Is she or my daughter gonna notice a difference in the first year or two of their riding carrers, my guess, no. So with all this said save the $100 get her a "good" private lesson OR a special trip to a resort the 2 of you can enjoy riding together at.


----------



## Lamps (Sep 3, 2011)

slyder said:


> last year was my daughters 1st full season. I ended up getting her the Burton Citizens. They have held up nicely, she is even in the park on very basic stuff. I have had no issues with durability, YES it is only one season on them. So we will see after this season.
> 
> I did this as I wasn't sure she would truly enjoy boarding even though I know she was having fun. I didn't & couldn't afford middle/top end gear. So I went with what I thought was gonna work and we had had zero issues. Again only 1 season I know that.
> 
> ...


my problem with citizens is that they have toe straps not toe caps, the one pair that my wife got I frankenbindinged some toe caps on but for the cost I should have just started with something a little better. I think that burton should drop toe straps entirely.


----------



## john doe (Nov 6, 2009)

I prefer fury handcuffs and silk rope when binding my girlfriend.


----------



## slyder (Jan 18, 2010)

Lamps said:


> my problem with citizens is that they have toe straps not toe caps, the one pair that my wife got I frankenbindinged some toe caps on but for the cost I should have just started with something a little better. I think that burton should drop toe straps entirely.

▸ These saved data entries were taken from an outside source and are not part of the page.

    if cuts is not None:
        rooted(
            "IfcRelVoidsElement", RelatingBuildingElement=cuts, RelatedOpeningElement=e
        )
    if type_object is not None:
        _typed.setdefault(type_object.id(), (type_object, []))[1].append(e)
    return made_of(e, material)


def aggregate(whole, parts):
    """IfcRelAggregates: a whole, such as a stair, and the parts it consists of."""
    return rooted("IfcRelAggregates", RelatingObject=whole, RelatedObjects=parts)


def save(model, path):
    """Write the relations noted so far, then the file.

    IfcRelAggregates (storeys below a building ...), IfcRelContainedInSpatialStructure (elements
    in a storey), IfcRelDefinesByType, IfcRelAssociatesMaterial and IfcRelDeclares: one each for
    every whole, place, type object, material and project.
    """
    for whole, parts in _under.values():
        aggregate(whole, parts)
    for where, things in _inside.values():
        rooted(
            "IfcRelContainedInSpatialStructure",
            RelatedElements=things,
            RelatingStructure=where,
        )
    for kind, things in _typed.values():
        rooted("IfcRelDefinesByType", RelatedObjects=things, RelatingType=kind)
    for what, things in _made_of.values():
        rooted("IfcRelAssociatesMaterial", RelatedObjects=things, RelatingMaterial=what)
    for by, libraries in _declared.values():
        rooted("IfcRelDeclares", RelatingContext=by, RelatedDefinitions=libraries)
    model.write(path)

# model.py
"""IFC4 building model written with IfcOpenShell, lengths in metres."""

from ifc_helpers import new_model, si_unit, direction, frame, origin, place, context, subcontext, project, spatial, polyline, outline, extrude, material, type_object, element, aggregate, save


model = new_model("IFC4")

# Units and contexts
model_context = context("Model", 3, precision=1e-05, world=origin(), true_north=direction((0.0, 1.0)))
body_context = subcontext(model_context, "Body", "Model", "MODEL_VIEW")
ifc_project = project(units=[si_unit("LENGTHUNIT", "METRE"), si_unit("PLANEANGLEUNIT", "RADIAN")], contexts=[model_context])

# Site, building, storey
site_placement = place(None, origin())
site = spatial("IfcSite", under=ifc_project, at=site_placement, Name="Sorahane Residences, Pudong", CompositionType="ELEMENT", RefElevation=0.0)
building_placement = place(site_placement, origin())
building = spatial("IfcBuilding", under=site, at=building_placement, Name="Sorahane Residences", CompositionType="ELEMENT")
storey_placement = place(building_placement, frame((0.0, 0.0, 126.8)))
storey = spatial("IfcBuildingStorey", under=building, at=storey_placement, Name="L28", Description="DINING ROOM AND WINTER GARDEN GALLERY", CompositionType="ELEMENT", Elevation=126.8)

My daughter has the 14's Citizens and they have toe caps


----------



## F1EA (Oct 25, 2013)

I was going to say Bindings but thread says FOR not or......


----------



## radiomuse210 (Sep 5, 2014)

SkullAndXbones said:


> i think radiomuse said she uses the stilettos. whether they're good or not i have no idea.


I DO use Stilettos - and they have been great as I've moved farther into intermediate territory. First pair I had for over 60 days on them with no durability issues - I sold them with a board I was trying to get rid of just to make it a full setup. They could have gone another season or two easy - and I do 30-40 days a season. Ratchets nice and smooth, padding still intact, everything in working order, no paint chipping. I bought another pair to put on my new board I got this year because I've been so damn pleased with them and they are mid-soft bindings to go with a soft board. I think they are really good for beginner - intermediate territory or for use on a softer board. They are comfy, durable, and have done well as I've progressed. I don't find I'm missing out on anything when using them on a soft board at my experience level.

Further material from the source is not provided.